After taking last week explaining how hockey analytics evolved from being centered around the quantity-based Corsi to the quantity and quality-based expected goals, there’s a little bit more work to do. Not too much work to do, but we have to go through some lessons in probability and statistics first so that it’s easier to get a good grasp of what an expected goal value means. 

To start, A shot’s expected goal value is the probability that the shot results in a goal. Okay now let’s pause for math:

Like how a lot of data analysis has its roots in writing events down, describing them, and counting them, probability’s origin in mathematics is counting. Usually, that is counting events or outcomes. An example you may have stored away in your long-term memory from a math class in your past is one with, say, 5 shirts, 4 pants, and 2 shoes and were asked how many combinations of outfits there are. And since I’m not actually grading you and am not, despite what Chad and Anthony have convinced themselves, a professor, I’m not going to actually write out the tree diagram of [shirt 1 pant 1 shoe 1, shirt 1 pant 1 shoe 2, shirt 1 pant 2 shoe 1 … shoe 5 pant 4 shoe 2], but after all of that, you learned that you can multiply the three numbers together and learn that there are 40 outfit combinations. 
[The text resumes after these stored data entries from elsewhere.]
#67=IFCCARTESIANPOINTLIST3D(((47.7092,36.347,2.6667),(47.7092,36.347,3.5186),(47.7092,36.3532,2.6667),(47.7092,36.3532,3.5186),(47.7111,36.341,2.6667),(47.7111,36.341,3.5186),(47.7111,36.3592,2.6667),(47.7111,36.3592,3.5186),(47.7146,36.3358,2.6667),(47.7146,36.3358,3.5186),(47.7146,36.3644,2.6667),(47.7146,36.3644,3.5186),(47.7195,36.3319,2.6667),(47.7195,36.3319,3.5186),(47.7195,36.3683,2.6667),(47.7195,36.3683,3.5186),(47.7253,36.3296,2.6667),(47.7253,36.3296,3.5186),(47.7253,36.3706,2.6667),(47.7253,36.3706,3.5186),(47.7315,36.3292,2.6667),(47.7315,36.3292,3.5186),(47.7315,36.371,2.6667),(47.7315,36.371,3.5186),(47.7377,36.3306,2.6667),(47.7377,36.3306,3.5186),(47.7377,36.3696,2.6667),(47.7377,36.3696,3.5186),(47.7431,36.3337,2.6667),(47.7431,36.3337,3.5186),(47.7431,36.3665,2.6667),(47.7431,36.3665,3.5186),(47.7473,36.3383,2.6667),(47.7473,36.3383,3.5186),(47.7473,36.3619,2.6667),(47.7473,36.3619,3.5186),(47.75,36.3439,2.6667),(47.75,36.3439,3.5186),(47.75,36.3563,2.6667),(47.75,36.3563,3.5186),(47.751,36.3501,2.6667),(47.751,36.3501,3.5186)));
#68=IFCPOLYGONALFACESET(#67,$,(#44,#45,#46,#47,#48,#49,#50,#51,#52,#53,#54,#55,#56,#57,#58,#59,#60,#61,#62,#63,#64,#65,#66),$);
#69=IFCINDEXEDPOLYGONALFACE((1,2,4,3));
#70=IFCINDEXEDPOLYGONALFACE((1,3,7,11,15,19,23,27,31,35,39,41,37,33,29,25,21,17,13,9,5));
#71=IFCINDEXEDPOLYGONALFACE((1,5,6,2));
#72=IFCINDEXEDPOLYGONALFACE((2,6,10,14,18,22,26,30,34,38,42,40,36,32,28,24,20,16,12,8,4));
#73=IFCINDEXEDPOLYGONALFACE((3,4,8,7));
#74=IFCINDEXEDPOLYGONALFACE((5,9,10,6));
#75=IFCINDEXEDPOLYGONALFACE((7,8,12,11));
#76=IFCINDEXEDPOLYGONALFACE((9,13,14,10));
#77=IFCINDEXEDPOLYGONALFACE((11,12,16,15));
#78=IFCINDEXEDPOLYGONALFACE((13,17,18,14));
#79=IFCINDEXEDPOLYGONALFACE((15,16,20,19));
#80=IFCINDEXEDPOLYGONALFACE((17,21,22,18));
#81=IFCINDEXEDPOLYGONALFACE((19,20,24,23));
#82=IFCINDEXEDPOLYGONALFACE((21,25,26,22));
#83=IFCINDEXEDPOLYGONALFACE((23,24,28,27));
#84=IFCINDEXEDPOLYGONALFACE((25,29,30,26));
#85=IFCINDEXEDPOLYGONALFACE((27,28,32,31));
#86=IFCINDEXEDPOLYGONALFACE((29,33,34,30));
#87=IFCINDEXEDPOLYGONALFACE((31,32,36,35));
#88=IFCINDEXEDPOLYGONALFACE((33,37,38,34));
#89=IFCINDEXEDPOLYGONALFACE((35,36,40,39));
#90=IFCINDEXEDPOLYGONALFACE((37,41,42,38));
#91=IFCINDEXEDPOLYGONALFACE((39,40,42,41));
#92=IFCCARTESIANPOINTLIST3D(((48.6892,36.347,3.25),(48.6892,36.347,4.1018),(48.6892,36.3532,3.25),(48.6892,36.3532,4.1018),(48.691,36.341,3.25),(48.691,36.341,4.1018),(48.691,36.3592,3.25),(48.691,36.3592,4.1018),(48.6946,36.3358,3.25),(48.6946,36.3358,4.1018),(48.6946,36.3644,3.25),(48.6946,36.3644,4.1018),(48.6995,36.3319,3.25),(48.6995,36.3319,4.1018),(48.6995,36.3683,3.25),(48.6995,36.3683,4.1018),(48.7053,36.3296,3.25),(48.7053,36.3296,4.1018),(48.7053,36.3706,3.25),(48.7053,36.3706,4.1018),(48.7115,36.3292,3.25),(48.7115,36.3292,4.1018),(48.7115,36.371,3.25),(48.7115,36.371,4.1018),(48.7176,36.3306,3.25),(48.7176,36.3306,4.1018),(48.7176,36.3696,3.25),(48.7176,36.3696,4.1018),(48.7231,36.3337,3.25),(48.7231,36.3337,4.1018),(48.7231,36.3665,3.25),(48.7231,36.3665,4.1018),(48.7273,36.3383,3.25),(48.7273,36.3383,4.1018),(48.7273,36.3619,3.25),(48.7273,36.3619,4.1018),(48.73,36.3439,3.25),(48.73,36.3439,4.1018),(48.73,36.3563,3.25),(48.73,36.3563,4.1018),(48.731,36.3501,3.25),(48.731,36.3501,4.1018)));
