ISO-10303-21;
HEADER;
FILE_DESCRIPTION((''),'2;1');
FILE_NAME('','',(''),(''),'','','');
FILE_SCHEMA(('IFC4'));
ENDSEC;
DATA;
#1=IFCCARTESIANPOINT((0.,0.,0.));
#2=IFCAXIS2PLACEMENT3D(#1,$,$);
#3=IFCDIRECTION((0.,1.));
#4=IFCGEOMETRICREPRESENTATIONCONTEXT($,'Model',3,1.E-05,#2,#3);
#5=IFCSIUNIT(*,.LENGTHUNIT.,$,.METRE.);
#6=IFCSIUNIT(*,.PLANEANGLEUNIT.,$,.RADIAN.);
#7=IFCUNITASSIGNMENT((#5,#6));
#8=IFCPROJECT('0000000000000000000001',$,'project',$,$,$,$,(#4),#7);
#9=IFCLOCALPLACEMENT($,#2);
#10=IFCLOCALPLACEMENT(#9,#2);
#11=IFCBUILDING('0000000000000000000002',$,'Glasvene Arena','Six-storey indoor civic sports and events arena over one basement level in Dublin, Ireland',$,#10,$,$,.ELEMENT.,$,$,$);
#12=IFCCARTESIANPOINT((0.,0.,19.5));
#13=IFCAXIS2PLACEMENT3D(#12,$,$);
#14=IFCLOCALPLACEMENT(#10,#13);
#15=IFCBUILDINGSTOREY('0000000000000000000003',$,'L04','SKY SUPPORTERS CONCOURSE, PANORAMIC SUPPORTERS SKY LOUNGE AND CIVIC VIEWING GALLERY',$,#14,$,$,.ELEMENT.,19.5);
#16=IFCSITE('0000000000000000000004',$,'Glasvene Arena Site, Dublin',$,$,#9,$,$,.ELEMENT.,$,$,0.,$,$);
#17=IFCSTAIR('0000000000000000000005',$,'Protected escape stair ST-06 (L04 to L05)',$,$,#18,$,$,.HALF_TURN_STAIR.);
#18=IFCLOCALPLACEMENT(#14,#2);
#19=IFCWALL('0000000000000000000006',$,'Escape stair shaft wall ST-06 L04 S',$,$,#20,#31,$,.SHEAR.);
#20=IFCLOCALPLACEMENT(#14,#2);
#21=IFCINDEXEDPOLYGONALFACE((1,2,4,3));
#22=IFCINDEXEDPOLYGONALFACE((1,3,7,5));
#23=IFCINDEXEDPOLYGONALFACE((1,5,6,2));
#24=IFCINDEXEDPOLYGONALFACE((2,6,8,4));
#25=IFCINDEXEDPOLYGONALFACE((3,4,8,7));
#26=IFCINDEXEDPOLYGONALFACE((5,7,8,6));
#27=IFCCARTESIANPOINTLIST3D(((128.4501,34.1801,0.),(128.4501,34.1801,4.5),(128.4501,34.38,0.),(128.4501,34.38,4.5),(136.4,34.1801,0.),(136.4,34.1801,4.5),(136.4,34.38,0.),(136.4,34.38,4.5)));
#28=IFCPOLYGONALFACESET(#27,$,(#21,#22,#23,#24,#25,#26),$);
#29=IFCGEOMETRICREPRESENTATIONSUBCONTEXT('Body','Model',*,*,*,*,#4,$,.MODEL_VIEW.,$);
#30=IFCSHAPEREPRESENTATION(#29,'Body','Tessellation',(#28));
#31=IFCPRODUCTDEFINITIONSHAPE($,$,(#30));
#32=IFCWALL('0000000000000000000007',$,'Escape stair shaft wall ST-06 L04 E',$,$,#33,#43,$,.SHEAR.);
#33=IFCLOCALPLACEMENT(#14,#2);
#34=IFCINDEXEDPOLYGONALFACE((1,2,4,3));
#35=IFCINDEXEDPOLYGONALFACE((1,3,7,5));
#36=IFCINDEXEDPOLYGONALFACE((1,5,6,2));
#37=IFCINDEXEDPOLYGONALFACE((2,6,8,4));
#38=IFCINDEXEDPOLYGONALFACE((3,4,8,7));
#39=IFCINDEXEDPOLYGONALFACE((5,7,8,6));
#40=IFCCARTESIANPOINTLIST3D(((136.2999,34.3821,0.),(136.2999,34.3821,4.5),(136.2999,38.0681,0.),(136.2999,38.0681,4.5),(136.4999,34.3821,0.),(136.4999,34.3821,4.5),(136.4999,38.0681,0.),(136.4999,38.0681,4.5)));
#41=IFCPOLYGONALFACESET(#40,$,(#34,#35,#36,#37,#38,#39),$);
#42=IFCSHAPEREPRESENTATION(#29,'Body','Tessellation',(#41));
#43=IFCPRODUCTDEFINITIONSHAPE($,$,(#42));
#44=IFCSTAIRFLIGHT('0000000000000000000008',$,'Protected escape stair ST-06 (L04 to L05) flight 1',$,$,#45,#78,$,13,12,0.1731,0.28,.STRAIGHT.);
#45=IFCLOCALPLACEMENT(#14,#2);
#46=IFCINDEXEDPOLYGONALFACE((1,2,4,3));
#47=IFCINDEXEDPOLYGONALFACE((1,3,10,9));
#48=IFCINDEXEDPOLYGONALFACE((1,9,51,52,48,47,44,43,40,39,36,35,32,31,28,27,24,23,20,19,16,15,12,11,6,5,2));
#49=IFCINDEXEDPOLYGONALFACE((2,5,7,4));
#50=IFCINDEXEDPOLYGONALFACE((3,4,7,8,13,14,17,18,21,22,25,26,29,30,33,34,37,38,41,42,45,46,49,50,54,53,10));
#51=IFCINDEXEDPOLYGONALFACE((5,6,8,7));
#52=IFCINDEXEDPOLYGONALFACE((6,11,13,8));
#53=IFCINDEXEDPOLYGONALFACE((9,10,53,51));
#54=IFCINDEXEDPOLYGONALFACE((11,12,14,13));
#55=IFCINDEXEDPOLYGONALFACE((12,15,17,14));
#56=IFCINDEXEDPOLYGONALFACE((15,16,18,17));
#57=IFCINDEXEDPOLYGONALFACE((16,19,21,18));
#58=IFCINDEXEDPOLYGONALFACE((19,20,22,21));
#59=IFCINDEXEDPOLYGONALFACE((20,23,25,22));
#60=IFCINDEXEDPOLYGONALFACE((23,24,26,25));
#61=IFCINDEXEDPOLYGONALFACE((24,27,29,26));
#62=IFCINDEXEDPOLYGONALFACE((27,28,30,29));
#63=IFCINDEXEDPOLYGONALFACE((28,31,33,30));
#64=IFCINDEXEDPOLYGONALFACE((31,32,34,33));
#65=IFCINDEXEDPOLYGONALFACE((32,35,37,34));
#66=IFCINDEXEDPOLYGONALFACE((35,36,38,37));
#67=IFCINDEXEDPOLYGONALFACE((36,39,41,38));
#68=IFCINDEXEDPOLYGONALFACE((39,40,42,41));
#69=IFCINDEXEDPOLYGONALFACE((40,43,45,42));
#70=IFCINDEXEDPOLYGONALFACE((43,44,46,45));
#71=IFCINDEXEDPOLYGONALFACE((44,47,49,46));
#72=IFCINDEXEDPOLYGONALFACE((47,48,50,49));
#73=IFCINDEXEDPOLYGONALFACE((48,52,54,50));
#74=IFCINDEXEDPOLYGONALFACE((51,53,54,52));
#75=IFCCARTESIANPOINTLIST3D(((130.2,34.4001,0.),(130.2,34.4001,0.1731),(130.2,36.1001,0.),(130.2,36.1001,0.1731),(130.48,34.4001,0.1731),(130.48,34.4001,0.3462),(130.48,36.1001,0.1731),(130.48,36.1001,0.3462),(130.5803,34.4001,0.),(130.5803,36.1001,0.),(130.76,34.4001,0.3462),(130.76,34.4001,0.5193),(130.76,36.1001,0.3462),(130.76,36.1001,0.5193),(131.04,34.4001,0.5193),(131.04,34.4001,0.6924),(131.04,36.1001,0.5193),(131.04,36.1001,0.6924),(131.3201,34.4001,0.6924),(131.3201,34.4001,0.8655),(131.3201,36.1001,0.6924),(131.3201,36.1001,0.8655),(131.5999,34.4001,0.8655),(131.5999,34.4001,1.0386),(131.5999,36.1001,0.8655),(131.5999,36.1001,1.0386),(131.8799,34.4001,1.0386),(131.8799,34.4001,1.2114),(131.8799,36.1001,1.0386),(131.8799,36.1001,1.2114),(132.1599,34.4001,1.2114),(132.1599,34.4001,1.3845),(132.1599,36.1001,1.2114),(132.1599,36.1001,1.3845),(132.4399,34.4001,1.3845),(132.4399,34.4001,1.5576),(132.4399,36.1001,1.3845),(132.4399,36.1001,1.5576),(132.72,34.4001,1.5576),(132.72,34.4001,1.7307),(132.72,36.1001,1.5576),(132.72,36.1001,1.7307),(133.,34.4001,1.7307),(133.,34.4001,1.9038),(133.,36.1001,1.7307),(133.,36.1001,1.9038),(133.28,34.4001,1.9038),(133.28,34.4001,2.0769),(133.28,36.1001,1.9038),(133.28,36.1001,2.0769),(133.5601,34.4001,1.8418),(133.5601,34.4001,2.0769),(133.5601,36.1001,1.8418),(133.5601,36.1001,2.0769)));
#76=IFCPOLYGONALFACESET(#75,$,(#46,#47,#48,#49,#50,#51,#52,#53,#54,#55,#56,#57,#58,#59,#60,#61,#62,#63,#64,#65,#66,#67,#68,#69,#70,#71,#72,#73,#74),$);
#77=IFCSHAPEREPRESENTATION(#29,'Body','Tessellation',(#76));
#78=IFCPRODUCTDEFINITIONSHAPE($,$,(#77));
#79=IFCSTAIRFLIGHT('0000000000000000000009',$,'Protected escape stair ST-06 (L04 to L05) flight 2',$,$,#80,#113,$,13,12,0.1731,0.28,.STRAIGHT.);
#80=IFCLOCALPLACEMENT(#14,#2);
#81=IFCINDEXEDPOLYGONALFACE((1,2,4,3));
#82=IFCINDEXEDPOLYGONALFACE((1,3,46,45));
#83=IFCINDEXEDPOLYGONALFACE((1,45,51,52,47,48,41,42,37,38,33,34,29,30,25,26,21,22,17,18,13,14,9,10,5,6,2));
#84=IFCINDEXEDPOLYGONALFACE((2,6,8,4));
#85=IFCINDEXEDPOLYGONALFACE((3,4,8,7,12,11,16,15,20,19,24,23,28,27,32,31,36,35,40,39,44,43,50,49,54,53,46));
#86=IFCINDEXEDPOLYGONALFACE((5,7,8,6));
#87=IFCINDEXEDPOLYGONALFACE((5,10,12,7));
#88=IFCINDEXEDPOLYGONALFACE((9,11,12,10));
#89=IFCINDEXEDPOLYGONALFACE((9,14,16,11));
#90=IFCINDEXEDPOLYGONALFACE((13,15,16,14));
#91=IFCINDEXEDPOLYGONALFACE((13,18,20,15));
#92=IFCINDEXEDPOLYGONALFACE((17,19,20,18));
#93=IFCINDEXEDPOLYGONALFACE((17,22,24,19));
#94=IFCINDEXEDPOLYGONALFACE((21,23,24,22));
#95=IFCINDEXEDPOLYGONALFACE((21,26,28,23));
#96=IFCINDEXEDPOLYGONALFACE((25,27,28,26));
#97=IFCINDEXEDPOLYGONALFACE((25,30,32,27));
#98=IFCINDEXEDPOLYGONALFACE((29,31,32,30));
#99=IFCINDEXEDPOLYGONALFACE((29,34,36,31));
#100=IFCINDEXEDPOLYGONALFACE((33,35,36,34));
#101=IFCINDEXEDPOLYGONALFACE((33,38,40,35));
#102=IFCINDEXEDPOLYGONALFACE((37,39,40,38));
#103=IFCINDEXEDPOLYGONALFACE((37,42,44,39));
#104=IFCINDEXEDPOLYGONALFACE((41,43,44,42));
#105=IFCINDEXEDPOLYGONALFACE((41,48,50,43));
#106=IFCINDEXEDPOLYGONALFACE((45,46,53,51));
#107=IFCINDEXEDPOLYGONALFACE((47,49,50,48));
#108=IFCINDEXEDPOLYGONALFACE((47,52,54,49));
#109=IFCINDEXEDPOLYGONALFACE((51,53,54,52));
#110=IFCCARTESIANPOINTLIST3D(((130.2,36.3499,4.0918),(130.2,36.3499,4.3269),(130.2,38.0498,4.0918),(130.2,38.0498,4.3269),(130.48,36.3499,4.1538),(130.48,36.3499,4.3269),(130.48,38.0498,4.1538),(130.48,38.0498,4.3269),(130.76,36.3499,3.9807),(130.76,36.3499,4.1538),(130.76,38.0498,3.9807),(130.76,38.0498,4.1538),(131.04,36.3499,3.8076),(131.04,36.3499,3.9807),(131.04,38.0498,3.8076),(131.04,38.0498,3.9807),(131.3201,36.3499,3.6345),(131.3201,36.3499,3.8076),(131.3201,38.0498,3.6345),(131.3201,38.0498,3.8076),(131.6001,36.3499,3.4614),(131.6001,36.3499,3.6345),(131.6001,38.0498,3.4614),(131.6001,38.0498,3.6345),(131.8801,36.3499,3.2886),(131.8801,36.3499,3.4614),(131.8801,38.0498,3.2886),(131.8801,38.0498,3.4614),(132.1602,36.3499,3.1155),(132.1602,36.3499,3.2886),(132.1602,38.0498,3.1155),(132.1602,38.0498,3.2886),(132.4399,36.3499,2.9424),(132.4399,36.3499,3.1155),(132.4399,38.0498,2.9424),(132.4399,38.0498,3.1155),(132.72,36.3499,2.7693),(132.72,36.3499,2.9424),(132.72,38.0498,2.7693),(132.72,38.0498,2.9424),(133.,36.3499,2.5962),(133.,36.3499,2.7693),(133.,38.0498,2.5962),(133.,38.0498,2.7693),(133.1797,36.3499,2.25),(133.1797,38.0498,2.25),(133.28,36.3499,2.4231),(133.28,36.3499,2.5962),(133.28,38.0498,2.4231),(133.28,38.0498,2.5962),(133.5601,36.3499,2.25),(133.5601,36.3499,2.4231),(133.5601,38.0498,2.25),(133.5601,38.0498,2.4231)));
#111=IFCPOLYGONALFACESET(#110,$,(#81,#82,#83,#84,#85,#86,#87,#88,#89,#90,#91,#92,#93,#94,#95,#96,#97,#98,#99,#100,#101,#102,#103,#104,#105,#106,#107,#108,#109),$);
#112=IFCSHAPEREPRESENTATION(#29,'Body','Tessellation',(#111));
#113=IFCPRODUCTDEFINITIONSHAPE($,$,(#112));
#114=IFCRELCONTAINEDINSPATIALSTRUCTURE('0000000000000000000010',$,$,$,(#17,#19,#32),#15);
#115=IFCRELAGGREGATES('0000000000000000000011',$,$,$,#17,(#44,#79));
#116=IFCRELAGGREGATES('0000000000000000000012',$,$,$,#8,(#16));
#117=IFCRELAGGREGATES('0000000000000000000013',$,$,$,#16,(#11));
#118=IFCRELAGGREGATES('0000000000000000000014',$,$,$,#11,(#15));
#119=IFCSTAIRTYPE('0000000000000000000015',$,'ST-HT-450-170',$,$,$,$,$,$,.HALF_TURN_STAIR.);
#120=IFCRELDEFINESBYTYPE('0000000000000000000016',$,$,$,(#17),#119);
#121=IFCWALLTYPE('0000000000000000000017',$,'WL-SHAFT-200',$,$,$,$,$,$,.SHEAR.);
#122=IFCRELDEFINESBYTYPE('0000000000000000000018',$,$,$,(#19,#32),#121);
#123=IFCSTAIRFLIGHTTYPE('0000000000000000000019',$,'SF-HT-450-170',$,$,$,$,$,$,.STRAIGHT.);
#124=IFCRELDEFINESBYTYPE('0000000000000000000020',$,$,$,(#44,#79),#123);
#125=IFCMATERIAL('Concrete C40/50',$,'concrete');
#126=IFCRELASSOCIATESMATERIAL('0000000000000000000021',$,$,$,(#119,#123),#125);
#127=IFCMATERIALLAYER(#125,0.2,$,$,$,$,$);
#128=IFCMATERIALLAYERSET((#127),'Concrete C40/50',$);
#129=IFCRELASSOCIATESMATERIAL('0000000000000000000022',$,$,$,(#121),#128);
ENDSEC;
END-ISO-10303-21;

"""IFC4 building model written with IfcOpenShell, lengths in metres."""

from ifc_helpers import new_model, si_unit, direction, frame, frame_2d, origin, place, context, subcontext, project, spatial, polyline, rectangle, outline, extrude, material, layer, layer_set, type_object, element, aggregate, save


model = new_model("IFC4")

# Units and contexts
model_context = context("Model", 3, precision=1e-05, world=origin(), true_north=direction((0.0, 1.0)))
body_context = subcontext(model_context, "Body", "Model", "MODEL_VIEW")
ifc_project = project(units=[si_unit("LENGTHUNIT", "METRE"), si_unit("PLANEANGLEUNIT", "RADIAN")], contexts=[model_context])

# Site, building, storey
site_placement = place(None, origin())
site = spatial("IfcSite", under=ifc_project, at=site_placement, Name="Glasvene Arena Site, Dublin", CompositionType="ELEMENT", RefElevation=0.0)
building_placement = place(site_placement, origin())
building = spatial("IfcBuilding", under=site, at=building_placement, Name="Glasvene Arena", Description="Six-storey indoor civic sports and events arena over one basement level in Dublin, Ireland", CompositionType="ELEMENT")
storey_placement = place(building_placement, frame((0.0, 0.0, 19.5)))
storey = spatial("IfcBuildingStorey", under=building, at=storey_placement, Name="L04", Description="SKY SUPPORTERS CONCOURSE, PANORAMIC SUPPORTERS SKY LOUNGE AND CIVIC VIEWING GALLERY", CompositionType="ELEMENT", Elevation=19.5)

# Stair
ifc_material_1 = material(Name="Concrete C40/50", Category="concrete")
stair_type = type_object("IfcStairType", Name="ST-HT-450-170", PredefinedType="HALF_TURN_STAIR", material=ifc_material_1)
stair_placement = place(storey_placement, origin())
stair = element("IfcStair", 1, at=stair_placement, inside=storey, type_object=stair_type, Name="Protected escape stair ST-06 (L04 to L05)", PredefinedType="HALF_TURN_STAIR")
Other examples you may remember are how many different ways can a race with five people finish, or maybe rolling a die and flipping a coin at the same time, or picking a ball out of an urn (or a jar – Shout out to my MATH 301 and 302 textbooks at Fisher for using an urn because it’s still hilarious to me). These are all instances of simply counting outcomes. 

Then you would have been asked what the probability was of the picked shirt being shirt 5 and then you would go through and count out the scenarios where the fifth shirt was used and find out that in 8 of the 40 outfits, the fifth shirt was picked – so 20% of the time the person in this scenario picked an outfit that included the fifth shirt. 

So you’ve got the act of picking an outfit. In math/science terms, we’re going to call that the experiment, or set. Every outfit that you can wear based on your closet is the sample space. Then think about wearing a single full outfit as a single event. Every single unique outfit in this example is a single, wait for it, a fraction of the sample space. So yes, finding probabilities is all about fractions. Back to finding the probability of the fifth shirt, where there are 8 events in the sample space of 40 outfits where the fifth shirt is worn:

Event: Wearing the fifth shirtNumerator (Top of the fraction)8
Sample Space: Every possible outfit combinationDenominator (Bottom of the fraction)40
8/40 = 0.2 = 20% for the probability of wearing the fifth shirt

Now that we know that probabilities are fractional, we know two of the important foundational pieces of the subject: To change it up, let’s use rolling a standard die (values 1-6) as the example:

There are no negative numbers in probability. The smallest possible number for a probability is 0If asked for the probability of rolling a 7, that isn’t on the die. There are zero sides of the cubic die with a seven on it. It occurs on 0/6 sides. It’s a 0% probability (wouldn’t be a negative value)
The largest possible number for a probability is 1If asked for the probability that the value of a roll is less than 10 (Of course it’s not a realistic answer – I’m going for easy at first), all six values on the die are less than 10, so the event would occur in 6 scenarios of the 6 possible values. It’s a 100% probability (6/6 = 1 = 100%)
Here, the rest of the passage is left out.